SURABAYA –Di tahun ini, petani di Jawa timur (Jatim) hanya mendapatkan alokasi pupuk bersubsidi dari Pemerintah Pusat sebesar 963.847 ton.
Padahal Pemerintah Provinsi Jawa Timur (Pemprov Jatim) melalui Dinas Pertanian dan Ketahanan Pangan mengusulkan kebutuhan pupuk bersubsidi petani sebanyak 2.418.491 ton.
Kelangkaan maupun berkurangkan alokasi pupuk subsidi masih menjadi keluhan petani.
“Alokasi ini hanya setara 39,85 persen dari usulan sehingga masih adanya kekurangan 1.454.844 ton dari total kebutuhan,” ujar Kepala Dinas Pertanian dan Ketahanan Pangan Jatim, Dydik Rudy Prasetya kepada Radar Surabaya, Minggu (4/2).
Sehingga, lanjut Rudy, untuk mencukupi kebutuhannya petani harus membeli pupuk non subsidi yang harganya lebih tinggi atau menyediakan pupuk organik yang bisa dibuat sendiri oleh para petani.
Terkait jatah pupuk subsidi, Rudy mengatakan, setiap petani tidak bisa mendapatkan jumlah yang sama.
“Karena petani memiliki luasan lahan yang berbeda-beda.

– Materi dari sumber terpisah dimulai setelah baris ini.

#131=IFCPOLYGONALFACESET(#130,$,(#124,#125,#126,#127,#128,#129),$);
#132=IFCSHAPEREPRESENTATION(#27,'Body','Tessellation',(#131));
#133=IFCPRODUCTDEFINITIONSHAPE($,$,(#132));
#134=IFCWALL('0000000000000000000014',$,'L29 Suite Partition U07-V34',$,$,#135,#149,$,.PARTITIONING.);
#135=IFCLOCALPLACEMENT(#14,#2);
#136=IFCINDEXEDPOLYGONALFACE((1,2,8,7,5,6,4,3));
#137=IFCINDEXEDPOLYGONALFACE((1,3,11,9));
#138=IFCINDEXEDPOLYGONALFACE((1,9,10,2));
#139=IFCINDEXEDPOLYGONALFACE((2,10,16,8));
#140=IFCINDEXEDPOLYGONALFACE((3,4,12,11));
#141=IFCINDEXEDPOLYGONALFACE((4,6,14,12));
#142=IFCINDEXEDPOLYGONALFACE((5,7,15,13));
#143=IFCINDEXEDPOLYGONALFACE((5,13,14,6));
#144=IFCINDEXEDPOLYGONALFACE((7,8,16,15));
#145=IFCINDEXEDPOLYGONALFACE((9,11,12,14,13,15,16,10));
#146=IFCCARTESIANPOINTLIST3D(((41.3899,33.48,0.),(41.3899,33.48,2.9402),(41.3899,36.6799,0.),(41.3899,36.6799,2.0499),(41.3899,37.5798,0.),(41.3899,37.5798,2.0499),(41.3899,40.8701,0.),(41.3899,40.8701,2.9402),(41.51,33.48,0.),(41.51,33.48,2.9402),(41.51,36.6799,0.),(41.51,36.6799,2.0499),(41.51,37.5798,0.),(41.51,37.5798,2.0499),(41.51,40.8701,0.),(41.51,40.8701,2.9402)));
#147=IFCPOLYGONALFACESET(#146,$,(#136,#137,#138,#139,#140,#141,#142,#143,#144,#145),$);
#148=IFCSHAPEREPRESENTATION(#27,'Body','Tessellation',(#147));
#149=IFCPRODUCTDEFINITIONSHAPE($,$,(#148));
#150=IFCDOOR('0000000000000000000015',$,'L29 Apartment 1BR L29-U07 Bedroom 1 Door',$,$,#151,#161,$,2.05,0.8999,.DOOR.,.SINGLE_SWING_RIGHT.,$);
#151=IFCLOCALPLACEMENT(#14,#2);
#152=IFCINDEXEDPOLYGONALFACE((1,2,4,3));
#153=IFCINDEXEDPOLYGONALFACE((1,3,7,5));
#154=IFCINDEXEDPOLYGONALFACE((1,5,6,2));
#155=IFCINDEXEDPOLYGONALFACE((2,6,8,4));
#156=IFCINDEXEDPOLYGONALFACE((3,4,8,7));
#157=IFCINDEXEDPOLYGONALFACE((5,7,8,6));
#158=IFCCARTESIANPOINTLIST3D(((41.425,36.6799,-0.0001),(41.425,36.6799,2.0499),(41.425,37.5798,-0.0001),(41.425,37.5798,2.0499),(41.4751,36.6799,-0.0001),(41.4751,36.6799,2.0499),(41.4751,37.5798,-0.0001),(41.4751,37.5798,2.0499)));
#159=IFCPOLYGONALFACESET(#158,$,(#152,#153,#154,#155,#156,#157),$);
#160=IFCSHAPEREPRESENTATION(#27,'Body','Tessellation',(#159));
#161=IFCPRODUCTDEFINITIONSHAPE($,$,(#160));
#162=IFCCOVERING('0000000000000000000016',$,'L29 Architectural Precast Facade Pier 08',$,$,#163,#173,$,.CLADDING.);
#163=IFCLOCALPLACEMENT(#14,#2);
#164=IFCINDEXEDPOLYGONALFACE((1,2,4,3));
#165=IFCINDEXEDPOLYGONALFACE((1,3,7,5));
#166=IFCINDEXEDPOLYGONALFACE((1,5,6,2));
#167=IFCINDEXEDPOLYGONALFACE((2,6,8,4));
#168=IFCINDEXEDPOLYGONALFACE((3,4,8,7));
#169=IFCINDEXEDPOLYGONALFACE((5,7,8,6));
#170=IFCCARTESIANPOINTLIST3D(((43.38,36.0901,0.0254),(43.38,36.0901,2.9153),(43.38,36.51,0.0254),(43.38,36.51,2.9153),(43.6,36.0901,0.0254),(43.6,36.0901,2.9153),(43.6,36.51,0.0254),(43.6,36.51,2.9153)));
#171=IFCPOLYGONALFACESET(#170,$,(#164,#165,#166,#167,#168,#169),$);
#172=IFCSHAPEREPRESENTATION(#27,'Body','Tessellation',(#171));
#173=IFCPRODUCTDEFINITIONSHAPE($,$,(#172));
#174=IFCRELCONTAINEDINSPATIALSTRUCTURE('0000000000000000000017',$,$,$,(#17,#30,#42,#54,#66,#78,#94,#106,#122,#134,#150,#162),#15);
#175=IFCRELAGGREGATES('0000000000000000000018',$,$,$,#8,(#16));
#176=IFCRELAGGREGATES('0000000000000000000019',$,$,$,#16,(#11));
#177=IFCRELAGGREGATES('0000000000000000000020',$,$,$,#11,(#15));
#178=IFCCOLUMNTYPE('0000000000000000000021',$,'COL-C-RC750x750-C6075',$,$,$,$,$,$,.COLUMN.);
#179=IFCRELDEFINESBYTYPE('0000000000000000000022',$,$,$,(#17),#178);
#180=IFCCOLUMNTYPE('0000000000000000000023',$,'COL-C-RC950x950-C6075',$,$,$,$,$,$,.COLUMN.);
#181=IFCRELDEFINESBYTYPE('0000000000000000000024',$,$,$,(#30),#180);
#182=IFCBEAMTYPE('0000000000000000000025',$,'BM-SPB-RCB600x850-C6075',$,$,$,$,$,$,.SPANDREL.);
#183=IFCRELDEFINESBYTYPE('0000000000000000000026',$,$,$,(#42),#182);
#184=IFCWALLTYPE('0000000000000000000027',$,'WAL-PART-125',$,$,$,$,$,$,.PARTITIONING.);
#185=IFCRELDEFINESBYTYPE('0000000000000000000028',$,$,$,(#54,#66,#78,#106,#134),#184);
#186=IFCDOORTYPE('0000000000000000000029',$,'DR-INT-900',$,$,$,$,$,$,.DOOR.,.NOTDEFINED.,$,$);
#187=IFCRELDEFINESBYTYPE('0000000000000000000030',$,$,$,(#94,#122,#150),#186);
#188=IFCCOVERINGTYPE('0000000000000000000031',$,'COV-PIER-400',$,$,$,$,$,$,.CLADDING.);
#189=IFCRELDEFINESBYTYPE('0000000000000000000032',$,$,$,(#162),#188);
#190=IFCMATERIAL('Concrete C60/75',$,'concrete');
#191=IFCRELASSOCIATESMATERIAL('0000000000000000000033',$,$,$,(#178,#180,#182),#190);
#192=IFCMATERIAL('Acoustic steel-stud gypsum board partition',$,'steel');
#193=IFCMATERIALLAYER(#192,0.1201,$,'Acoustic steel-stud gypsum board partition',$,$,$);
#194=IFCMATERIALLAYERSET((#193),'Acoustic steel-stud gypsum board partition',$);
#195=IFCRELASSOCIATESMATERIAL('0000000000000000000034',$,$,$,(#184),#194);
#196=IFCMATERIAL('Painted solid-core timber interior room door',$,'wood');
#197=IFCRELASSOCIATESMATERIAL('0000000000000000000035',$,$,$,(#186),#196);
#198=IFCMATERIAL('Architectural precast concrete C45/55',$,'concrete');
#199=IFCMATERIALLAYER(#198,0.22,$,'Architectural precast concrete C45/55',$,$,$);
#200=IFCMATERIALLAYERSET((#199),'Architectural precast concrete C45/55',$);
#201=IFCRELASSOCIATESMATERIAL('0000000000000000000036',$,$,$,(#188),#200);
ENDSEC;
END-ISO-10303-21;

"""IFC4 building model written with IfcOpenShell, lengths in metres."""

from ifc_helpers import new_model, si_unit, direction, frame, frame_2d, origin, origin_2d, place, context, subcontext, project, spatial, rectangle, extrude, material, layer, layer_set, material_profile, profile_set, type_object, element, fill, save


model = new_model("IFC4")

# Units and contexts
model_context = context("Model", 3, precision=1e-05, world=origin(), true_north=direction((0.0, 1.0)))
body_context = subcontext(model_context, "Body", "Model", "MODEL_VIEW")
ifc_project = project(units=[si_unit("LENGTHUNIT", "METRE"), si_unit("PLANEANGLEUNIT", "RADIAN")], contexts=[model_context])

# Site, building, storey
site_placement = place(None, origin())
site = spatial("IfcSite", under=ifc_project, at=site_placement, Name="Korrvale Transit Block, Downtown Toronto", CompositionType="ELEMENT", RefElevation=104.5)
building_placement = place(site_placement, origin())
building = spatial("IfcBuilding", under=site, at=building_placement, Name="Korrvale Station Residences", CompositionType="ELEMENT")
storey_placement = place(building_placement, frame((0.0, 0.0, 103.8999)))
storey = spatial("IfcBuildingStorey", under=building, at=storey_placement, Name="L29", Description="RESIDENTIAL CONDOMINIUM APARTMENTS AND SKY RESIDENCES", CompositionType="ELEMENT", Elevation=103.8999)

Untuk setiap petani mendapatkan jatah untuk Urea mendapatkan 52,71 persen dari usulannya. Sedangkan NPK mendapatkan 29,32 persen dari yang diusulkan,” terangnya.
Menurutnya, pupuk subsidi diperuntukkan bagi petani yang melakukan usaha tani di bidang tanaman pangan seperti padi, jagung dan kedelai. Kemudian hortikultura meliputi cabai, bawang merah dan bawang putih.
Selain itu juga perkebunan seperti tebu, kopi dan kakao dengan luas lahan maksimal 2 hektare dan telah terdata di Elektronik Rencana Definitif Kebutuhan Kelompok (e-RDKK).
Dan juga tergabung dalam Kelompok Tani serta terdaftar dalam Sistem Informasi Manajemen Penyuluhan Pertanian (SIMLUHTAN).
“Asalkan petani sudah terdata dalam e-RDKK dan mendapatkan alokasi sesuai SK Bupati/Walikota maka petani bisa langsung menebus pupuk subsidi sesuai jadwal tanam sesuai alokasinya pada kios yang telah ditunjuk,” jelasnya.
Terkait penyaluran pupuk bersubsidi, kata Rudy, dilaksanakan oleh BUMN Pupuk yaitu PT Pupuk Indonesia yang penyalurannya secara berjenjang dari produsen pupuk bersubsidi (PT Petrokimia Gresik dan PT Pupuk Sriwijaya) ke para Distributor yang selanjutnya disalurkan ke kios-kios pengecer.
“Kemudian petani melakukan penebusan di kios dengan menggunakan KTP sesuai alokasi yang diterimanya dan kios mendata transaksi pupuk bersubsidi melalui aplikasi I-Pubers,” ujarnya
Dydik menambahkan, pemerintah pusat berencana menambahh subsidi pupuk nasional senilai Rp 14 triliun atau setara 2,5 juta ton.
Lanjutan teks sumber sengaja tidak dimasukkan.